Contraband Materials Detection Within Volumetric 3D Computed Tomography Baggage Security Screening Imagery
This research addresses the problem of enhancing aviation security screening by automatically detecting prohibited objects for security personnel, specifically focusing on 3D CT baggage imagery where deep learning applications are under-explored.
This paper explores the application of deep neural networks for detecting contraband materials in volumetric 3D Computed Tomography (CT) baggage screening imagery. The authors formulate the problem as 3D semantic segmentation to identify material types for all voxels, demonstrating the effectiveness of 3D U-Net and PointNet++ on the NEU ATR dataset.

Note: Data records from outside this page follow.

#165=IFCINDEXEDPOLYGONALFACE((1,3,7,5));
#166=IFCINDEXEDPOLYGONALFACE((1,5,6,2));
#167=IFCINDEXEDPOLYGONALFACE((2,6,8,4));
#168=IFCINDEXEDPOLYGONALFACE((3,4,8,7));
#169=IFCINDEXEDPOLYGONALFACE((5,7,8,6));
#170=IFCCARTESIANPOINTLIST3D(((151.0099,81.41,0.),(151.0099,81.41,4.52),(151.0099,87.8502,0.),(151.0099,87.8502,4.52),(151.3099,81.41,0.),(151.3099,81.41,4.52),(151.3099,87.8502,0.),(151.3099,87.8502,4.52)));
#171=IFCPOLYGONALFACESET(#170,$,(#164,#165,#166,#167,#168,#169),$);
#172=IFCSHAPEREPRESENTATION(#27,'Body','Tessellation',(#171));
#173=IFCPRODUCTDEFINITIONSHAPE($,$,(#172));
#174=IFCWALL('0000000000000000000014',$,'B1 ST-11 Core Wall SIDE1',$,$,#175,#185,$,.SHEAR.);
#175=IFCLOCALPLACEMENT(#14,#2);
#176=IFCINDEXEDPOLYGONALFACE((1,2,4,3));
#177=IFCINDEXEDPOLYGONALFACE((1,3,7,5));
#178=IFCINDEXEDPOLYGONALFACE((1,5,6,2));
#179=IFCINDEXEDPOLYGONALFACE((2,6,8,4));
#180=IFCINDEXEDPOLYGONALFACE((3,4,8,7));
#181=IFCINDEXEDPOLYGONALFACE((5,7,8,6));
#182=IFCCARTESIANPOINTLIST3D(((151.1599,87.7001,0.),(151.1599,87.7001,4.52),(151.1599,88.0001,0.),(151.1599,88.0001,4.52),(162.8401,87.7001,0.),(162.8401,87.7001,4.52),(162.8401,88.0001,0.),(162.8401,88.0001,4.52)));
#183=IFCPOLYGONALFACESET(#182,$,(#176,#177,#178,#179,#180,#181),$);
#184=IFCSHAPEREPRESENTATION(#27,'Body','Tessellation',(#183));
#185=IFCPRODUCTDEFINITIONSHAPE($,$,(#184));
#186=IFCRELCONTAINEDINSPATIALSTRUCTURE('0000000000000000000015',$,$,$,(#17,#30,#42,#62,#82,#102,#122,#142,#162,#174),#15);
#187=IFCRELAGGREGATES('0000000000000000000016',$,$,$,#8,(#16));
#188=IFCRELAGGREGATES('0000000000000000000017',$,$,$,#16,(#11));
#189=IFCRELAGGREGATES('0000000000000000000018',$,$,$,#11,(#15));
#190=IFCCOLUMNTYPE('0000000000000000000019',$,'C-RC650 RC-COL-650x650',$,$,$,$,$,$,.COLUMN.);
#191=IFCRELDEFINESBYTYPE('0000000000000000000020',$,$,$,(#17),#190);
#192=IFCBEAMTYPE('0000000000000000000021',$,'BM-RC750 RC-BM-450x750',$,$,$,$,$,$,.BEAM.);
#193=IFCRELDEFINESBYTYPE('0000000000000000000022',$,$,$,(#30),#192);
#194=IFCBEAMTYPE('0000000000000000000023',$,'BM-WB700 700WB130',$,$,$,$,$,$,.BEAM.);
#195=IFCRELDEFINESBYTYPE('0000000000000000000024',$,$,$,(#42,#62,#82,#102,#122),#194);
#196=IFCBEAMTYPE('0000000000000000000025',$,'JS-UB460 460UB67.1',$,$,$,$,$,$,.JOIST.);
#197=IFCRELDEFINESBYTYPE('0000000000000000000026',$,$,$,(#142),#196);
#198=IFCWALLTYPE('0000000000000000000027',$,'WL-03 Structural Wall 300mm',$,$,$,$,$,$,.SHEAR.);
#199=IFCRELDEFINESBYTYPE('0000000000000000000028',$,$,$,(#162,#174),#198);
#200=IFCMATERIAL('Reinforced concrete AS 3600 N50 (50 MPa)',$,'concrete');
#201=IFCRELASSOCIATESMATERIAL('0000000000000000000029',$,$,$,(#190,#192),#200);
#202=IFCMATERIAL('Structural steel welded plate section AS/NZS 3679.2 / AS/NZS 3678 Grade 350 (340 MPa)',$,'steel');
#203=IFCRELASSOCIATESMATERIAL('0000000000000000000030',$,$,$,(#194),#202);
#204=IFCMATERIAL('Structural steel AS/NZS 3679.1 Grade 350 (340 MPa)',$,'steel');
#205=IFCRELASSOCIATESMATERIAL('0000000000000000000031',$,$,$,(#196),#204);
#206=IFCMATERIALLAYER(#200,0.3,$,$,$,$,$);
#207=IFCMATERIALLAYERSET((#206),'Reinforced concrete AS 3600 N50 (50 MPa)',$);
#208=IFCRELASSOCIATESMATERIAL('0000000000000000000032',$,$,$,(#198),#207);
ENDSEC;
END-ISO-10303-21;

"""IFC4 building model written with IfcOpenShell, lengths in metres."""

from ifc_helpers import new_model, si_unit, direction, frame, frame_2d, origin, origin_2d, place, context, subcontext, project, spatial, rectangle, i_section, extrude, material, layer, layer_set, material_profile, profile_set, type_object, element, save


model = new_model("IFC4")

Automatic prohibited object detection within 2D/3D X-ray Computed Tomography (CT) has been studied in literature to enhance the aviation security screening at checkpoints. Deep Convolutional Neural Networks (CNN) have demonstrated superior performance in 2D X-ray imagery. However, there exists very limited proof of how deep neural networks perform in materials detection within volumetric 3D CT baggage screening imagery. We attempt to close this gap by applying Deep Neural Networks in 3D contraband substance detection based on their material signatures. Specifically, we formulate it as a 3D semantic segmentation problem to identify material types for all voxels based on which contraband materials can be detected. To this end, we firstly investigate 3D CNN based semantic segmentation algorithms such as 3D U-Net and its variants. In contrast to the original dense representation form of volumetric 3D CT data, we propose to convert the CT volumes into sparse point clouds which allows the use of point cloud processing approaches such as PointNet++ towards more efficient processing. Experimental results on a publicly available dataset (NEU ATR) demonstrate the effectiveness of both 3D U-Net and PointNet++ in materials detection in 3D CT imagery for baggage security screening.